Cops’ towing-for-profit operations draw federal lawsuit

By Bob Unruh

A federal lawsuit has been filed over the actions by the police department in a small Alabama town, where officers pulled in more than $610,000 in fines in one year, enough that officers were able to supplement their salaries, lease a mine-resistant vehicle to drive around town and other military equipment.

The class action case is being brought by the Institute for Justice on behalf of victims of the police operations in Brookside, Alabama.

The legal team outlined one of the incidents that triggered the legal response: “Brittany Coleman is one of thousands of victims of Brookside’s policing for profit scheme. She was pulled over by a Brookside officer for allegedly following her boyfriend’s car too closely as they drove together to get breakfast on her birthday. Three officers forced Brittany to stand handcuffed in the hot Alabama sun for more than 30 minutes as they searched her car. They issued her citations for tailgating and marijuana possession, even though they found no marijuana, and needlessly towed her car. The marijuana charge was dismissed. Even so, Brittany was forced to pay nearly $1,000 for towing fees and court costs.”

The Institute’s report on the case explained the Brookside police department boosted its revenue by 640% in fees, fines and forfeitures from 2018 to 2020.

“This windfall did not happen by accident but is the result of a systematic effort by Brookside’s police department to prioritize ticket collection over the administration of justice. This kind of improper financial incentive not only betrays the duty to protect and serve; it violates the U.S. Constitution,” the Institute reported.

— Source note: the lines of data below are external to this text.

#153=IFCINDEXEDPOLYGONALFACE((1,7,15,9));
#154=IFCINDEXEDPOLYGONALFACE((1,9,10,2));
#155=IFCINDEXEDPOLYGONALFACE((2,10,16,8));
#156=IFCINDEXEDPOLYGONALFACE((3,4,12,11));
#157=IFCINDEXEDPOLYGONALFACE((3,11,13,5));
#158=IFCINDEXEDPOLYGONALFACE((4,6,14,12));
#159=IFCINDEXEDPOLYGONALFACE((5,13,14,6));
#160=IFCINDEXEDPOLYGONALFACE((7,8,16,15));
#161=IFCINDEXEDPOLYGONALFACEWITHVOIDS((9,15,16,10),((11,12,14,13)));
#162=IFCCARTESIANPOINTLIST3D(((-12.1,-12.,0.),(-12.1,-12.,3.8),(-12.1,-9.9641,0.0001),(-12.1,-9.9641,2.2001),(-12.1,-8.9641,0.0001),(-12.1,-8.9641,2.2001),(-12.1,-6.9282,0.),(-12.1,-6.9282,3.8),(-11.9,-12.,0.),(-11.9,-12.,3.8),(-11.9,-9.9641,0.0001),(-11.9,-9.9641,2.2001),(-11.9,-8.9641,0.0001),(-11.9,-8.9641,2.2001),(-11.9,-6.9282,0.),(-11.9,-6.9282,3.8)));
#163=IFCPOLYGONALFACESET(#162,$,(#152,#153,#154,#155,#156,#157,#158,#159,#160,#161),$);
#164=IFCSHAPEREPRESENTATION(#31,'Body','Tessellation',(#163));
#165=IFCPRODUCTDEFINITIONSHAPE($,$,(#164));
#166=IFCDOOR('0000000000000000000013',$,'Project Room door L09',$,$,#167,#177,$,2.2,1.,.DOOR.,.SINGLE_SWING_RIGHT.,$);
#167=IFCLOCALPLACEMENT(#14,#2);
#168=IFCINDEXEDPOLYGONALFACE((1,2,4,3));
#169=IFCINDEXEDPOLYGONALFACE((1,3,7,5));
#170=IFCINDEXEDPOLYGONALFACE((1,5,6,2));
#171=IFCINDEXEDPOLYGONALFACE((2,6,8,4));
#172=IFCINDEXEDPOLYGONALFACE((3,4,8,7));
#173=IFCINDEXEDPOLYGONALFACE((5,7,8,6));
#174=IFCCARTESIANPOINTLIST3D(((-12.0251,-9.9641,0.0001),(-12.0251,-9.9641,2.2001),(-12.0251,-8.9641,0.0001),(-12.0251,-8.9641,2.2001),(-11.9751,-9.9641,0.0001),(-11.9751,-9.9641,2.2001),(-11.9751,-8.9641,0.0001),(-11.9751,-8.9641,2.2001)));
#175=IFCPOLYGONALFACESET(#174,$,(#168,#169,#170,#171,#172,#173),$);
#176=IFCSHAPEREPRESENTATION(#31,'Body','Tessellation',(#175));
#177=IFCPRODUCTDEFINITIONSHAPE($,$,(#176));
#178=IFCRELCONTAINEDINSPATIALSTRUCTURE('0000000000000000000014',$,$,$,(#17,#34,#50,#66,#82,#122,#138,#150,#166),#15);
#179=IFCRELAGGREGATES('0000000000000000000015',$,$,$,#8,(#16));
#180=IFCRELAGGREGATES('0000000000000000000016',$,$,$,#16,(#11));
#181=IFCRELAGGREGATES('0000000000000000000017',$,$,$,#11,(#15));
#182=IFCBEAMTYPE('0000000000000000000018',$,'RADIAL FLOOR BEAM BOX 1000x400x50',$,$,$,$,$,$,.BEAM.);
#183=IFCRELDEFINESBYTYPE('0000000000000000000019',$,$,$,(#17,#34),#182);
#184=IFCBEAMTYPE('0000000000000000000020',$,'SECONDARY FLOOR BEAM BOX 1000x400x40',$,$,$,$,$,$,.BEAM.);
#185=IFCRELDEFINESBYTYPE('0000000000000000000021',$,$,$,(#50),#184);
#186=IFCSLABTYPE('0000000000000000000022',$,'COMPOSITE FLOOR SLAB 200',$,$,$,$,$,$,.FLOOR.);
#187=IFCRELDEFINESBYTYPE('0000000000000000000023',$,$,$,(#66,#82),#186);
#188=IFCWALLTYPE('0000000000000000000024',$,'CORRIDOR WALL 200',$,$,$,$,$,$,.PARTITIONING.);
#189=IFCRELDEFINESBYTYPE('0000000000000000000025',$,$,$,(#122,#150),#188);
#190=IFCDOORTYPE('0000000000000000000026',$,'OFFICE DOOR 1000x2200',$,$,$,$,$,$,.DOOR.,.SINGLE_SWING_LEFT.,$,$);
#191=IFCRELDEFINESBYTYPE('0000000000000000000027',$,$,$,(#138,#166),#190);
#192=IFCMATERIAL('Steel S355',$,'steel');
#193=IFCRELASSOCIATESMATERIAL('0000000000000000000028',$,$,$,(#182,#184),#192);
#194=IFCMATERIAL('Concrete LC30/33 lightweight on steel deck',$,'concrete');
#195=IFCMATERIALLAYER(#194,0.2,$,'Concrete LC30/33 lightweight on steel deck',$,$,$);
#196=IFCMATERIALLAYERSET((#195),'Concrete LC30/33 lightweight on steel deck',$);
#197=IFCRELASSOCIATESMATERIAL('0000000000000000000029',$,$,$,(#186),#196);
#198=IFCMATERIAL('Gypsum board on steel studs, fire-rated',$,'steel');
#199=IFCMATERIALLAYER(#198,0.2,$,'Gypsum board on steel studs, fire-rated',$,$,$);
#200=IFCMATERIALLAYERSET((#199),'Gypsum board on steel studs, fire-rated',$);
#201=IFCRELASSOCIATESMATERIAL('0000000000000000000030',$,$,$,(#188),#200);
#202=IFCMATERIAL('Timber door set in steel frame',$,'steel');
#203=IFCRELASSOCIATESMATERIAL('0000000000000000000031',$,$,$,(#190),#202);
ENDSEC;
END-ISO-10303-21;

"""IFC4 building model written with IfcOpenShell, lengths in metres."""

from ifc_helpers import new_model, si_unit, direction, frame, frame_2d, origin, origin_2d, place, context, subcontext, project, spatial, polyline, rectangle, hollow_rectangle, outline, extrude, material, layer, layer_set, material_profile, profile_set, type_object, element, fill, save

There are two claims in the case: “First, Brookside’s policy, practice and custom of relentlessly towing vehicles for bogus reasons to generate cash for the town violates the Fourteenth Amendment. Second, Brookside’s use of trumped-up criminal citations to maximize fines and fees for its financial benefit similarly violates the Fourteenth Amendment. Both claims maintain that Brookside uses its law-enforcement and municipal-court systems to generate revenue for those in charge.”

“Policing for profit preys on the vulnerable, and it subverts public trust,” explained Jaba Tsitsuashvili, the IJ lawyer on the case.

“Courts recognize that generating 10% of revenue from fines and fees raises a presumption of unconstitutionality. Brookside generates nearly five times that.”

Explained Coleman, “My birthday turned into a nightmare when Brookside police pulled me over for nothing, handcuffed me for no reason, and needlessly searched and towed my car. I was one of many people who were abused during a police stop and then had to pay hundreds of dollars to get their car back. Everyone who was mistreated deserves justice.”

IJ said Brandon Jones’ troubles were similar.

“Brookside police towed his car and left him, his wife and their three frightened children stranded on a dark country road this past New Year’s Eve. No matter the weather or time of day, and without regard to the health or the age of the people affected, Brookside towed cars at every opportunity, enriching itself and a private tow company even if the police citations were later rejected in court,” the legal team charged.

Sam Gedge, another IJ lawyer, accused Brookside of treating its residents “like walking, talking ATMs, making withdrawals by issuing tickets and towing cars with no regard for justice or even common decency.”

Police Chief Mike Jones, who recently quit, called the revenue spike a failure since he thought it could have been higher.

The proceeds of the police work travel through city budgeting almost exclusively to police, the IJ said.

“Of the $610,307 raised through fines and forfeitures in 2020, for example, $544,077 went directly to the police, in the form of training, conferences, vehicles and salaries. These purchases included expensive unmarked black SUVs and military-style equipment. The department even leased a mine-resistant, militarized vehicle, which officers parked outside the town hall and drove around the town as part of their rampant intimidation tactics.”

The IJ said a court ruling that such practices are unconstitutional is needed to protect those potential victims in other towns.

The IJ also is fighting similar problems that have shown up in Florida, California, New York, Wisconsin and Georgia.

Earlier, former Jefferson County Judge Ken Simon revealed he already has interviewed nearly three dozen people investigating the Brookside police practice of ticketing people.

He explained he’s gotten so many calls on the issue he hasn’t been able to talk to everyone.